Who: Godot and Daedalus Yumeno When: August 10, evening, a few hours before sirens Where: Skye Medical Center Summary: Godot goes to the doctor to see about his "almost dead" problem. Warnings: Nada
Godot had granted Daedalus the courtesy of setting his coffee aside while he ran the physical, and sat with his fingers pressed against the gauze from the blood test.
"My condition... is pretty bad," he said, with a cynical little half-smile on his face as he spoke. "I was poisoned six years ago. Came about as close to dying as a man can without calling the funeral parlor. Hell, I think they had to hang up on the receptionist at the morgue at some point."
He took a deep breath and let it out as a sigh, appearing to gaze vaguely off across the room-- though it was impossible to tell where he was looking anyway. "Every organ that counts is messed up. My nervous system's about as shot as it gets without being a vegetable. I'm blind. And I get to enjoy this little cocktail every day..."
Lowering his hand from the gauze on his arm, he reached for his briefcase and pulled out, among all the legal papers, a leather case almost full of prescription bottles. Anti-seizure medication, steroids, blood stabilizers.

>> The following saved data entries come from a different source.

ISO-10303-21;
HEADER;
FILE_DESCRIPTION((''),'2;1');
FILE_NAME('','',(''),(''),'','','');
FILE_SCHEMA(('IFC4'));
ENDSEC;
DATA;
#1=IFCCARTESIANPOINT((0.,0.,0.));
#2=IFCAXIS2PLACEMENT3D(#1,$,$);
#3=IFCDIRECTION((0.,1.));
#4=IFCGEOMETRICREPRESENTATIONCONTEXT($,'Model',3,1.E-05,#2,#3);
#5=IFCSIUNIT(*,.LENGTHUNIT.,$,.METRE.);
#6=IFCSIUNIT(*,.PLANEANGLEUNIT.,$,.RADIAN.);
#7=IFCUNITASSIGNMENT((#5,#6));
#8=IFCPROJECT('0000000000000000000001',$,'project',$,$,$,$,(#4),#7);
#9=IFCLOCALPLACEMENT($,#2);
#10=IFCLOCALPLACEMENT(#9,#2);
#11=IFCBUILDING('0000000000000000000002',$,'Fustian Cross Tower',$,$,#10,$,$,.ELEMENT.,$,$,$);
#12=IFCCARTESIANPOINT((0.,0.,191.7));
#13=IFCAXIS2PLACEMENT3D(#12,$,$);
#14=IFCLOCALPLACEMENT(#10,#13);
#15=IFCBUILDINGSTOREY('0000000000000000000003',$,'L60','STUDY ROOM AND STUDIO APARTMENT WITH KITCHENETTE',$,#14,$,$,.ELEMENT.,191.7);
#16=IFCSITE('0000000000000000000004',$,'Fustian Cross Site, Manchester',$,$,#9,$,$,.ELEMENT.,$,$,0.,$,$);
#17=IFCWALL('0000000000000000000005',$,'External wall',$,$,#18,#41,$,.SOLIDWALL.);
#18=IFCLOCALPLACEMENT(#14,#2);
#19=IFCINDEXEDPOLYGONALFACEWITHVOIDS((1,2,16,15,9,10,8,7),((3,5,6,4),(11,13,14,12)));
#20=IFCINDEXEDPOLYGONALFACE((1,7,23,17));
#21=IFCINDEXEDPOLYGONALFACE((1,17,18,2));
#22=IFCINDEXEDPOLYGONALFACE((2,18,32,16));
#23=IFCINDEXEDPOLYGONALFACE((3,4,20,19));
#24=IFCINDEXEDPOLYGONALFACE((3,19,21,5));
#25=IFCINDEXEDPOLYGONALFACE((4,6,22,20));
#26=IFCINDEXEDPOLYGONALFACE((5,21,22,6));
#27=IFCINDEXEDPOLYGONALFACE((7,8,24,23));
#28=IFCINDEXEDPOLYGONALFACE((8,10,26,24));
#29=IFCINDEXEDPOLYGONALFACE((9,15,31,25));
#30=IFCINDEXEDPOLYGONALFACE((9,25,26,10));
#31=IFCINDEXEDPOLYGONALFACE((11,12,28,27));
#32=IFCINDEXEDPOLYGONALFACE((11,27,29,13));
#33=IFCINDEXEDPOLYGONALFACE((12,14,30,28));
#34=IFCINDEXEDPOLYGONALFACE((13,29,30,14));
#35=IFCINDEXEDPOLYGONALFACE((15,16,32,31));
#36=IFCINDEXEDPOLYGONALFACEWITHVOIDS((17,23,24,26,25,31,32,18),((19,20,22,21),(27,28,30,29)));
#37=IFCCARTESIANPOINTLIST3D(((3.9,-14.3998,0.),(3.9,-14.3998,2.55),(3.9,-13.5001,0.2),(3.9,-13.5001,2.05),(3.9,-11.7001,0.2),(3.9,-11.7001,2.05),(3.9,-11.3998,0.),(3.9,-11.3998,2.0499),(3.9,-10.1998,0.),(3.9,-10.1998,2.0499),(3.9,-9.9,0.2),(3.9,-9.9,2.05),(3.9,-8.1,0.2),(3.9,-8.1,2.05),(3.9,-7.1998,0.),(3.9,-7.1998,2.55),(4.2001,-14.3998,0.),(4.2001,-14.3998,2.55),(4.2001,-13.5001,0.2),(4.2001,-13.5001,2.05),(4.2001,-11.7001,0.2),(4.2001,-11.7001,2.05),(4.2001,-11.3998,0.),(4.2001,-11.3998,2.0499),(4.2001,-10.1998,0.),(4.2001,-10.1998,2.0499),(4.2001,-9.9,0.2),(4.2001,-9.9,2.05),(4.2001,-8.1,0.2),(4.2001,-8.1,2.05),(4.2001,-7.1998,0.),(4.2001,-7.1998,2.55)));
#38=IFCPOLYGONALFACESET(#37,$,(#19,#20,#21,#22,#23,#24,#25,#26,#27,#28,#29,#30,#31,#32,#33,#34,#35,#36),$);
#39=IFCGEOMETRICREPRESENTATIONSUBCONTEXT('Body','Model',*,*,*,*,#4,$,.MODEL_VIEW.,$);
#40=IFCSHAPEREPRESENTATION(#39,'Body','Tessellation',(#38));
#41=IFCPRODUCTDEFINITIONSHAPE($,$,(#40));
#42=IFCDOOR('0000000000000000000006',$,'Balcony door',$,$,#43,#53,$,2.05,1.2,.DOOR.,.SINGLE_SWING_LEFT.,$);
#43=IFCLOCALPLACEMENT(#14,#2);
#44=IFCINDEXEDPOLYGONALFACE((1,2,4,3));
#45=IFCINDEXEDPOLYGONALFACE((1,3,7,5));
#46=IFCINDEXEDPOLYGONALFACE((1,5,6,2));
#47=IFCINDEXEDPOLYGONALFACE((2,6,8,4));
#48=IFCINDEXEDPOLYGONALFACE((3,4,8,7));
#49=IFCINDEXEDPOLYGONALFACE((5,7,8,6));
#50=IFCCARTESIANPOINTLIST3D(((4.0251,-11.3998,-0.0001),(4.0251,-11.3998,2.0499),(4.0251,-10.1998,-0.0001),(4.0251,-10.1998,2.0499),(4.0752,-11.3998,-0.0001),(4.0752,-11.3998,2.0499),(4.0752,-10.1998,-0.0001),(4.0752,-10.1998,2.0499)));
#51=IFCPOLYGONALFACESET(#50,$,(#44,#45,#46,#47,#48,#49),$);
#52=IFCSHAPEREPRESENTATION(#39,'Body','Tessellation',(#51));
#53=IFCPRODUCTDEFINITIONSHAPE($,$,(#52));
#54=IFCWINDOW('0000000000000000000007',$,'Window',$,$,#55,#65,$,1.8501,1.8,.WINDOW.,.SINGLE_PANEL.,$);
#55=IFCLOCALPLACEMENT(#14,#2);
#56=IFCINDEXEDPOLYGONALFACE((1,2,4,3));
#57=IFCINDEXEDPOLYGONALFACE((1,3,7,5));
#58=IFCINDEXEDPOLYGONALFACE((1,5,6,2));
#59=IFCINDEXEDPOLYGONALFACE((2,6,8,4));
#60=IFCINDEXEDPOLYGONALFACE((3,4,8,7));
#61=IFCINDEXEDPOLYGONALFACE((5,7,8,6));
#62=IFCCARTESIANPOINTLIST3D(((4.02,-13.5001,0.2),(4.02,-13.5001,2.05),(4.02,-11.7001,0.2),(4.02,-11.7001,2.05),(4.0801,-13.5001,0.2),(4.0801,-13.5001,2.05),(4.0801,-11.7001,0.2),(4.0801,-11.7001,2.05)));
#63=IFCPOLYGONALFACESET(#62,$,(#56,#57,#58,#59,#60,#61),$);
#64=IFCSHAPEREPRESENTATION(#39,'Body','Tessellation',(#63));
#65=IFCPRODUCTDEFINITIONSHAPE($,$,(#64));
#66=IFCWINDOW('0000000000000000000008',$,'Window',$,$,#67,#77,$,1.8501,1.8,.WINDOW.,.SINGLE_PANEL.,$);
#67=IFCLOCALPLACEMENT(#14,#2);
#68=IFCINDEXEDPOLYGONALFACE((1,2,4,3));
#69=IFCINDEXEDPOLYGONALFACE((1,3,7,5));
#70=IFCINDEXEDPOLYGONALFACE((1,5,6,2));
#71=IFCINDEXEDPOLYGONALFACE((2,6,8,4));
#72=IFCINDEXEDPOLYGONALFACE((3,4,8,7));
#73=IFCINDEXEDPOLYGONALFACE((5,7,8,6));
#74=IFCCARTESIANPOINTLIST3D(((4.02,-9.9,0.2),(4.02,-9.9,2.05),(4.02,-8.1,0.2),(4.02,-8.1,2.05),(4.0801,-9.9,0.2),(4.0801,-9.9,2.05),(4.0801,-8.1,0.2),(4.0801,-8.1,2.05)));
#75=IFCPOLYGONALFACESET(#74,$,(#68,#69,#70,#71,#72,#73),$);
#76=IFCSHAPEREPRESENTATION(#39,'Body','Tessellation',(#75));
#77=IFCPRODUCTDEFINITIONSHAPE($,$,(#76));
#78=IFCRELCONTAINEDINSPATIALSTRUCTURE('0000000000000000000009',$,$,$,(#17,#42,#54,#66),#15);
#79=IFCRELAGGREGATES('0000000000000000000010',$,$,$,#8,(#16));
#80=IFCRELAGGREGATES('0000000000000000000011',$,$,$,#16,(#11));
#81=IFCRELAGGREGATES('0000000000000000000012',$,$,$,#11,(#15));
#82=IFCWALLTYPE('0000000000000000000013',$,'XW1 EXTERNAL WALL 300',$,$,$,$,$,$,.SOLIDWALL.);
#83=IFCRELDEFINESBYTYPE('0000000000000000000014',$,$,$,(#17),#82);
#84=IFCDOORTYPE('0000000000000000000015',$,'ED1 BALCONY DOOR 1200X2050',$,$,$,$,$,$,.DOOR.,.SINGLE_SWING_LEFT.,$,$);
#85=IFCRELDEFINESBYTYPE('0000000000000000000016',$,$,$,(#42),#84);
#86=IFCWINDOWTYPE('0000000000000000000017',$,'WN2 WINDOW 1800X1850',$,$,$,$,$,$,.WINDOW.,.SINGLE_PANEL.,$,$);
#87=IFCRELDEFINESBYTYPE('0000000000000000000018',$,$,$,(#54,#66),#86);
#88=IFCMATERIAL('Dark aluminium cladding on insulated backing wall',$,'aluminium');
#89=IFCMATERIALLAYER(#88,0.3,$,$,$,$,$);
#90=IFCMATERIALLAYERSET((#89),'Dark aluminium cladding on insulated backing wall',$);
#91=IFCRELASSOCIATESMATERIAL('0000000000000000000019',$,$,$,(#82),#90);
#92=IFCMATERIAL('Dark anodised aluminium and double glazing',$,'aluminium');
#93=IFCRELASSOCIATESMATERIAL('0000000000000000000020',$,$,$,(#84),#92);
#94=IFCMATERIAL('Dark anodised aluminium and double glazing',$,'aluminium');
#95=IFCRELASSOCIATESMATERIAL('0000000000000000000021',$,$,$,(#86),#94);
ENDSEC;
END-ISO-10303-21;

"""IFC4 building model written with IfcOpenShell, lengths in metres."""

from ifc_helpers import new_model, si_unit, direction, frame, frame_2d, origin, place, context, subcontext, project, spatial, rectangle, extrude, material, layer, layer_set, type_object, element, fill, save


model = new_model("IFC4")

# Units and contexts
model_context = context("Model", 3, precision=1e-05, world=origin(), true_north=direction((0.0, 1.0)))
body_context = subcontext(model_context, "Body", "Model", "MODEL_VIEW")
ifc_project = project(units=[si_unit("LENGTHUNIT", "METRE"), si_unit("PLANEANGLEUNIT", "RADIAN")], contexts=[model_context])

# Site, building, storey
site_placement = place(None, origin())
site = spatial("IfcSite", under=ifc_project, at=site_placement, Name="Fustian Cross Site, Manchester", CompositionType="ELEMENT", RefElevation=0.0)
building_placement = place(site_placement, origin())
building = spatial("IfcBuilding", under=site, at=building_placement, Name="Fustian Cross Tower", CompositionType="ELEMENT")
storey_placement = place(building_placement, frame((0.0, 0.0, 191.7)))
storey = spatial("IfcBuildingStorey", under=building, at=storey_placement, Name="L60", Description="STUDY ROOM AND STUDIO APARTMENT WITH KITCHENETTE", CompositionType="ELEMENT", Elevation=191.7)

# Shared definitions
ifc_material_1 = material(Name="Dark aluminium cladding on insulated backing wall", Category="aluminium")
ifc_layer_1 = layer(ifc_material_1, 0.3)
ifc_layer_set_1 = layer_set([ifc_layer_1], Name="Dark aluminium cladding on insulated backing wall")
wall_type_1 = type_object("IfcWallType", Name="XW1 EXTERNAL WALL 300", PredefinedType="SOLIDWALL", material=ifc_layer_set_1)

# Wall, openings, door, windows
wall_1_placement = place(storey_placement, frame((4.05, -14.3999, 0.0), z_axis=(0.0, 0.0, 1.0), x_axis=(0.0, 1.0, 0.0)))
wall_1 = element("IfcWall", 1, at=wall_1_placement, inside=storey, type_object=wall_type_1, Name="External wall", PredefinedType="SOLIDWALL", context=body_context, shape_type="SweptSolid", body=[
    extrude(rectangle(XDim=7.2, YDim=0.3, at=frame_2d((3.6001, 0.0))), origin(), (0.0, 0.0, 1.0), 2.55),
])
opening_1_placement = place(wall_1_placement, frame((3.0, 0.0, 0.0)))
opening_1 = element("IfcOpeningElement", 2, at=opening_1_placement, cuts=wall_1, PredefinedType="OPENING", context=body_context, shape_type="SweptSolid", body=[
    extrude(rectangle(XDim=1.2, YDim=2.05, at=frame_2d((0.6001, 1.0249))), frame((0.0, 0.1599, 0.0), z_axis=(0.0, -1.0, 0.0), x_axis=(1.0, 0.0, 0.0)), (0.0, 0.0, 1.0), 0.3201),
])
opening_2_placement = place(wall_1_placement, frame((0.8999, 0.0, 0.2)))
opening_2 = element("IfcOpeningElement", 3, at=opening_2_placement, cuts=wall_1, PredefinedType="OPENING", context=body_context, shape_type="SweptSolid", body=[
    extrude(rectangle(XDim=1.8, YDim=1.8501, at=frame_2d((0.8999, 0.925))), frame((0.0, 0.1599, 0.0), z_axis=(0.0, -1.0, 0.0), x_axis=(1.0, 0.0, 0.0)), (0.0, 0.0, 1.0), 0.3201),
])
opening_3_placement = place(wall_1_placement, frame((4.5, 0.0, 0.2)))
opening_3 = element("IfcOpeningElement", 4, at=opening_3_placement, cuts=wall_1, PredefinedType="OPENING", context=body_context, shape_type="SweptSolid", body=[
    extrude(rectangle(XDim=1.8, YDim=1.8501, at=frame_2d((0.8999, 0.925))), frame((0.0, 0.1599, 0.0), z_axis=(0.0, -1.0, 0.0), x_axis=(1.0, 0.0, 0.0)), (0.0, 0.0, 1.0), 0.3201),
])
ifc_material_2 = material(Name="Dark anodised aluminium and double glazing", Category="aluminium")
door_type_1 = type_object("IfcDoorType", Name="ED1 BALCONY DOOR 1200X2050", OperationType="SINGLE_SWING_LEFT", PredefinedType="DOOR", material=ifc_material_2)
door_1_placement = place(opening_1_placement, origin())
door_1 = element("IfcDoor", 5, at=door_1_placement, inside=storey, type_object=door_type_1, Name="Balcony door", OperationType="SINGLE_SWING_LEFT", OverallHeight=2.05, OverallWidth=1.2, PredefinedType="DOOR", context=body_context, shape_type="SweptSolid", body=[
    extrude(rectangle(XDim=1.2, YDim=2.05, at=frame_2d((0.6001, 1.0249))), frame((0.0, 0.0249, 0.0), z_axis=(0.0, -1.0, 0.0), x_axis=(1.0, 0.0, 0.0)), (0.0, 0.0, 1.0), 0.05),
])
fill(opening_1, door_1)
ifc_material_3 = material(Name="Dark anodised aluminium and double glazing", Category="aluminium")
window_type = type_object("IfcWindowType", Name="WN2 WINDOW 1800X1850", PartitioningType="SINGLE_PANEL", PredefinedType="WINDOW", material=ifc_material_3)
window_1_placement = place(opening_2_placement, origin())
window_1 = element("IfcWindow", 6, at=window_1_placement, inside=storey, type_object=window_type, Name="Window", OverallHeight=1.8501, OverallWidth=1.8, PartitioningType="SINGLE_PANEL", PredefinedType="WINDOW", context=body_context, shape_type="SweptSolid", body=[
    extrude(rectangle(XDim=1.8, YDim=1.8501, at=frame_2d((0.8999, 0.925))), frame((0.0, 0.03, 0.0), z_axis=(0.0, -1.0, 0.0), x_axis=(1.0, 0.0, 0.0)), (0.0, 0.0, 1.0), 0.0601),
])
fill(opening_2, window_1)
window_2_placement = place(opening_3_placement, origin())
window_2 = element("IfcWindow", 7, at=window_2_placement, inside=storey, type_object=window_type, Name="Window", OverallHeight=1.8501, OverallWidth=1.8, PartitioningType="SINGLE_PANEL", PredefinedType="WINDOW", context=body_context, shape_type="SweptSolid", body=[
    extrude(rectangle(XDim=1.8, YDim=1.8501, at=frame_2d((0.8999, 0.925))), frame((0.0, 0.03, 0.0), z_axis=(0.0, -1.0, 0.0), x_axis=(1.0, 0.0, 0.0)), (0.0, 0.0, 1.0), 0.0601),
])
fill(opening_3, window_2)

save(model, "model.ifc")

"There's usually more, but I haven't bothered replacing them since I got here."
"Yes, you did tell me that they snatched you from the jaws of death." A slight smile, just enough to express a quietly sharp bit of cynicism- Godot had a flair for dramatizing the incident, at least, it had been the center of their previous conversations. He suspected it was a wonder the man had any trust for doctors after all.
Every organ that counts...the liver, the heart, the bowels- those would need the routine examinations.
Legally blind, perhaps, but for a man damaged eyes and damaged everything, he certainly still seemed...relatively functional. That was promising. He reached gently for either side of the visor. "...does this come off?"
Then, distracted, he raised a brow at the pills, eyes widening slightly.
And they said Regent Donov had been hanging on his last string of life. With the exception of a respirator, Godot didn't seem too far behind.
He grinned at the jaws of death comment. "Ha...! Dramatic as I am, I wasn't exaggerating on that little detail. I never got all the details, but they were apparently on the way to the morgue when my monitor started back up again."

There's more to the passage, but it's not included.